Am 31.07.2010 09:52 schrieb datura:

Man kann also den "Glauben an Gott" (an ein imaginäres mysthisches Wesen…) keineswegs mit einem "Glauben an die Wissenschaft" vergleichen.

Den "Glauben an eine wissenschaftliche Aussage" und den "Glauben an Gott" kann man sehrwohl mit einander vergleichen. Genau so kann ich Dich mit einer Zitrone vergleichen, und Gemeinsamkeiten feststellen, aber auch unterschiede feststellen. In einer Speichelprobe kann ich möglicherweise feststellen, dass Dein Speichel, genau wie der Saft einer Zitrone sauer ist. Ebenso kann ich Dich auf eine Waage stellen, und eine Zitrone darauf legen, und feststellen, dass Deine Masse größer ist, als die der Zitrone.

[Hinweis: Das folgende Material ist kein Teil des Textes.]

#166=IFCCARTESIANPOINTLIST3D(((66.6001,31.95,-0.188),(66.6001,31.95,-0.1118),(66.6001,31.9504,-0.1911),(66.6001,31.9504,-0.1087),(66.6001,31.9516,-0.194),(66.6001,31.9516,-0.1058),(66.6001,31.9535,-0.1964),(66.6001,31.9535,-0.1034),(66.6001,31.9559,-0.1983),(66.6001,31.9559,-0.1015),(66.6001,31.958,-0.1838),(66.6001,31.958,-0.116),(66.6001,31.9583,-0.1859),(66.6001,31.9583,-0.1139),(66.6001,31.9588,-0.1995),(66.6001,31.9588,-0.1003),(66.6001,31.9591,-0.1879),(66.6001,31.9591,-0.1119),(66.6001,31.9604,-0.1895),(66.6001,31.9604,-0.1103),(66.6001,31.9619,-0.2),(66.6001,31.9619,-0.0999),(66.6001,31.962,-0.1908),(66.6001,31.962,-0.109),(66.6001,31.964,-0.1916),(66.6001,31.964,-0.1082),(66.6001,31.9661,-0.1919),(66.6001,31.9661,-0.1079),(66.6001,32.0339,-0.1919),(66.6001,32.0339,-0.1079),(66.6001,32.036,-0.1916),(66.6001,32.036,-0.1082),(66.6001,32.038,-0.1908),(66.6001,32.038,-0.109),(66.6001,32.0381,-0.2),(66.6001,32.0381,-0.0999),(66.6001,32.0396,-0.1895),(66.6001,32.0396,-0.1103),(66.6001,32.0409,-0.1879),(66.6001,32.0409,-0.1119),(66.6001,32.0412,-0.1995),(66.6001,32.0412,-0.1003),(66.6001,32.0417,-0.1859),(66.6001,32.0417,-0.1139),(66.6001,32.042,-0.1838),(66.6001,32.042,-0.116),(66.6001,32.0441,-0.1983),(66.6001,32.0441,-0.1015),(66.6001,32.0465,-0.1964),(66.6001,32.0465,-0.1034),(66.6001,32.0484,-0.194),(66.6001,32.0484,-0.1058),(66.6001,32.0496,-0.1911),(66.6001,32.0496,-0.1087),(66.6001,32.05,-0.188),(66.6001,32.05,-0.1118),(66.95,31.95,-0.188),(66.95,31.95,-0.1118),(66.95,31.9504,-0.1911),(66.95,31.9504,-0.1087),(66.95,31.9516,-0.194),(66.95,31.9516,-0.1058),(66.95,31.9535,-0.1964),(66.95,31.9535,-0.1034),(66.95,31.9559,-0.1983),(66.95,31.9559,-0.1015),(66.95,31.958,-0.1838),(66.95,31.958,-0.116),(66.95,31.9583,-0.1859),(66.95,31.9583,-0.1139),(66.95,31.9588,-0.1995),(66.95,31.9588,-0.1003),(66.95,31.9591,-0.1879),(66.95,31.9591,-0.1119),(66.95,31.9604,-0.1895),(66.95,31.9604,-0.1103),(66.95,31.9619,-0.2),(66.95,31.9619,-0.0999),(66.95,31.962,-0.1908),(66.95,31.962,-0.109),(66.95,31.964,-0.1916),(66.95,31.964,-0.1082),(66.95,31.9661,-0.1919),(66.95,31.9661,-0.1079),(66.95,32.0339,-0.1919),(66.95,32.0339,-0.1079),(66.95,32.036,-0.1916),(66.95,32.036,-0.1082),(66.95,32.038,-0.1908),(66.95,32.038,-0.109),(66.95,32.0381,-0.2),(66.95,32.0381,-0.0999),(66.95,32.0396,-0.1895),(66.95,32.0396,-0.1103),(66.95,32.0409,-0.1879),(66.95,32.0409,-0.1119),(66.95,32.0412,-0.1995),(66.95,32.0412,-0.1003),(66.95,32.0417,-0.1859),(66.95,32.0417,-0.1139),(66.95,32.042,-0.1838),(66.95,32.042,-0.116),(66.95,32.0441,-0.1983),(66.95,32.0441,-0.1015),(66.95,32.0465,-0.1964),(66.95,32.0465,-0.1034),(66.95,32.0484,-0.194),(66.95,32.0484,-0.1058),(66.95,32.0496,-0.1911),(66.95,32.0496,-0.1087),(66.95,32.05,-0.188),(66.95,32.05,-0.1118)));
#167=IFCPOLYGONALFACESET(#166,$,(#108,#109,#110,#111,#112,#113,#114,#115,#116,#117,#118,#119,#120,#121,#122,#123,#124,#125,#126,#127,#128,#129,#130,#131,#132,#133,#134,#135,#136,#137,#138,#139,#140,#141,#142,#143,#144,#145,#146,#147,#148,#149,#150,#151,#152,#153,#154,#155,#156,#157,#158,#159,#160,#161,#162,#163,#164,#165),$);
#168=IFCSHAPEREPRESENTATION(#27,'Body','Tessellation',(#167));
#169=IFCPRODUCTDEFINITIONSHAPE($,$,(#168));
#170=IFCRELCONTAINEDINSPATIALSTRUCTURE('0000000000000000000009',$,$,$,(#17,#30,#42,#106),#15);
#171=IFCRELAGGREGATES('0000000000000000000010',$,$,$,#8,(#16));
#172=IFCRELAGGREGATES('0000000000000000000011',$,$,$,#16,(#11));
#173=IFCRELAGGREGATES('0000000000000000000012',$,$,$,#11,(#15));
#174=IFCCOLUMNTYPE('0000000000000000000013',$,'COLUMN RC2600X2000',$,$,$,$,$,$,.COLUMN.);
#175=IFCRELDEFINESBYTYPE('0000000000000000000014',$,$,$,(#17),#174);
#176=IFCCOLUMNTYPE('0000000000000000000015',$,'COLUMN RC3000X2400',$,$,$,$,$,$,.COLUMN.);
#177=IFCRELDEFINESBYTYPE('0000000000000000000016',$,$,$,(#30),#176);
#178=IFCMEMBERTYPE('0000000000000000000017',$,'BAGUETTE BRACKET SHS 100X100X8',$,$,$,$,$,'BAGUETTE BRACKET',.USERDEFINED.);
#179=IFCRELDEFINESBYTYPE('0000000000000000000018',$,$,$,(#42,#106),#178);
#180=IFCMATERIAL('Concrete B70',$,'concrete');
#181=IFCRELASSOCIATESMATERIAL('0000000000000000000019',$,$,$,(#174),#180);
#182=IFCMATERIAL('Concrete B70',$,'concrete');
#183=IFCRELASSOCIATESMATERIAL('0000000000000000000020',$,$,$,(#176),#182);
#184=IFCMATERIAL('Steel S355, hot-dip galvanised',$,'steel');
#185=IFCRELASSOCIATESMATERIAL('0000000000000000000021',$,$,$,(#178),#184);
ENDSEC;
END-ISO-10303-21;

Für einen Wissenschaftler (wie mich zum Beispiel) macht der Ausdruck "Glaube an die Wissenschaft" in sich selber gar nicht mal Sinn. Entweder ich betrachte eine Aussage als "höchstwahrscheinlich wahr", weil es dafür im Moment genügend wissenschaftliche Hinweise gibt, oder aber ich zweifle eine Aussage (z.B. "Gott existiert") einfach an, genau wegen eines Mangels dieser Hinweise.